1 um incidente, uma paixão P.O.V. Nadja


Notas iniciais
É isso aí gente!! Pra quem pediu estou fazendo uma continuação de A paixão de Nagihiko! Espero que esteja bom, mas isso vocês que irão decidir.

– Chegamos, Tainá. — Disse para minha chara enquanto abria a porta de meu novo quarto.

Novo quarto, nova casa, nova cidade... Minha vida está uma verdadeira montanha-russa esses dias. Desde que minha mãe morreu a três anos, as coisas ficaram complicadas e agora, graças ao meu pai, a minha vida e dos meus irmãos virou de cabeça para baixo.

– Olha, que lugar legal! — Exclamou Tainá, como sempre sem conter sua empolgação. — Viu só, Nadja? Mudar de casa não é tão mal assim.

– Mudar de casa não, mas ir para outra cidade do outro lado do país é. — Respondi, colocando uma caixa com minhas coisas em cima da cama. A casa já estava toda mobiliada, só faltavam nossas coisas. — O Jiro bem que podia ter escolhido um lugar mais perto, não?

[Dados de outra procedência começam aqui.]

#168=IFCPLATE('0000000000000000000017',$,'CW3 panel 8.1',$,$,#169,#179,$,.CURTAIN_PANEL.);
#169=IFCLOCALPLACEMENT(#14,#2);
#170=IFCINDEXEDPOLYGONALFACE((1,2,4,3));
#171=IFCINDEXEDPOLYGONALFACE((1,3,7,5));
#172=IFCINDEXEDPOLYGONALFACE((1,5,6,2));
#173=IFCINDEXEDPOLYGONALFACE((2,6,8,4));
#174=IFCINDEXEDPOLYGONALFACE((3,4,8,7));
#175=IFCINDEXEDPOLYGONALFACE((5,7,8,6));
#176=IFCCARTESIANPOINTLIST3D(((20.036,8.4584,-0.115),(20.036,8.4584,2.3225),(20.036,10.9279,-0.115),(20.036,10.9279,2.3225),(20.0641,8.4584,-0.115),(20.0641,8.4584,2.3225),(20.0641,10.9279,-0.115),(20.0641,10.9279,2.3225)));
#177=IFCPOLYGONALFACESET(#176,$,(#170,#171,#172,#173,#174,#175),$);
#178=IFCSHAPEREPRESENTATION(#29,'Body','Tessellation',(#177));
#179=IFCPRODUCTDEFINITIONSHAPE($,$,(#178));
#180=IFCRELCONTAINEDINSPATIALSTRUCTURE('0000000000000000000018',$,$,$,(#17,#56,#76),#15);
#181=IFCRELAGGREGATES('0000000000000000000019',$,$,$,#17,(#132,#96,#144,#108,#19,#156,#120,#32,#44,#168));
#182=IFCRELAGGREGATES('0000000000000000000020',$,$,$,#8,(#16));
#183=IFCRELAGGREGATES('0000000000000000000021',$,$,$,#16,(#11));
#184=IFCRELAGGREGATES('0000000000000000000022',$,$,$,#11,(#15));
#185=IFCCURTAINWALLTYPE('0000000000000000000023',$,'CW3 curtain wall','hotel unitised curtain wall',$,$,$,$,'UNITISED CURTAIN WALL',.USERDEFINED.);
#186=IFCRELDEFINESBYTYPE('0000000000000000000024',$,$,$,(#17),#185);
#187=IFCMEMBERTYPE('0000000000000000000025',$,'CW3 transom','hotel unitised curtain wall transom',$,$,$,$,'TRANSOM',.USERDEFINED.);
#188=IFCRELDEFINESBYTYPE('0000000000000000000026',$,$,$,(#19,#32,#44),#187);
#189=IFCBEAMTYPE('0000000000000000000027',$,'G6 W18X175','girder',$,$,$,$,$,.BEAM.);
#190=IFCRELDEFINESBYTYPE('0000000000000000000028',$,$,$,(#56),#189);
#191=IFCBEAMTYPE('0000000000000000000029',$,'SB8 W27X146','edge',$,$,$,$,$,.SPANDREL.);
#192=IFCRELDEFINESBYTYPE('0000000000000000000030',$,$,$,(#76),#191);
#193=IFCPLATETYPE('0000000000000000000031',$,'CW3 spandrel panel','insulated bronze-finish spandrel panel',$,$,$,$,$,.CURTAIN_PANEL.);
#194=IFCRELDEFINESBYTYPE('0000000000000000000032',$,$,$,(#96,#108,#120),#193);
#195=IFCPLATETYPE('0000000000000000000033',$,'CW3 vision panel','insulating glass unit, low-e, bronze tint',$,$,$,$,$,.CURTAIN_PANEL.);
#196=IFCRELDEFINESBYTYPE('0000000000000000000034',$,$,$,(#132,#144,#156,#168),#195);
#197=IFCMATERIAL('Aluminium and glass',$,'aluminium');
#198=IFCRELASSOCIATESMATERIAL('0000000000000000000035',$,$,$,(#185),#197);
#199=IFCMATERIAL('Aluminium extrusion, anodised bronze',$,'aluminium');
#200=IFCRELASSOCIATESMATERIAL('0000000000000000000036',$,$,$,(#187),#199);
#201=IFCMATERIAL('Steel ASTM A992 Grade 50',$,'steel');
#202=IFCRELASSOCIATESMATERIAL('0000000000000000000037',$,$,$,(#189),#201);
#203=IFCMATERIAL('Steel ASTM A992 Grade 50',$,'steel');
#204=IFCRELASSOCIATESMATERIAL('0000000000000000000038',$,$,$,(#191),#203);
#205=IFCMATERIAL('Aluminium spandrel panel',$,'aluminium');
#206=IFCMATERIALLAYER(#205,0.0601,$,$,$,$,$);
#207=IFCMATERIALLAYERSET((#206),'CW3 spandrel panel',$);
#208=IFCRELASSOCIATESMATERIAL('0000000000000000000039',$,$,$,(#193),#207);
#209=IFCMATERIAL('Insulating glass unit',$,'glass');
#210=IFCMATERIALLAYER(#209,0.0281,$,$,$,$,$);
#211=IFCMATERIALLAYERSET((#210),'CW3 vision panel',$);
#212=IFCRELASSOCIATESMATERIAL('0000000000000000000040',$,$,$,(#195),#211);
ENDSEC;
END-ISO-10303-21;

– Ora, se era para ter uma mudança de ambiente, não podia ser perto. — Odeio quando a Tainá tem rasão. — Se anime, vamos. Que tal uma volta para conhecer a cidade?

– Antes temos de arrumar o quarto. — Respondi, contendo um sorriso cínico. Percebi que ela congelou.

– A-arrumar tudo? Tudinho??

– Claro, vamos ficar um bom tempo aqui. Na verdade, não sei nem se voltaremos pra casa,então vou precisar de um quarto arrumado.

– Mas.. nós não podemos nem dar uma voltinha antes? Diz que sim, por favor. — Ela pediu com desespero

– Está bem. — Me rendi. — Mas quando voltarmos, não tem escapatória.

– Eba! Vamos, vamos, passear... — Ela começou a cantarolar.

Ajeitei meu cabelo como sempre, o mesmo penteado de Asuna do S.A.O, dizem que sou muito parecida com ela, exceto que o ruivo do meu cabelo é mais forte, de um vermelho-fogo. Desci as escadas e dei de cara com Kouji, meu irmão mais novo, que estava brincando com algumas caixas já vazias. Ele me viu e deu um daqueles sorrisinhos bobos de criança que derretem qualquer um.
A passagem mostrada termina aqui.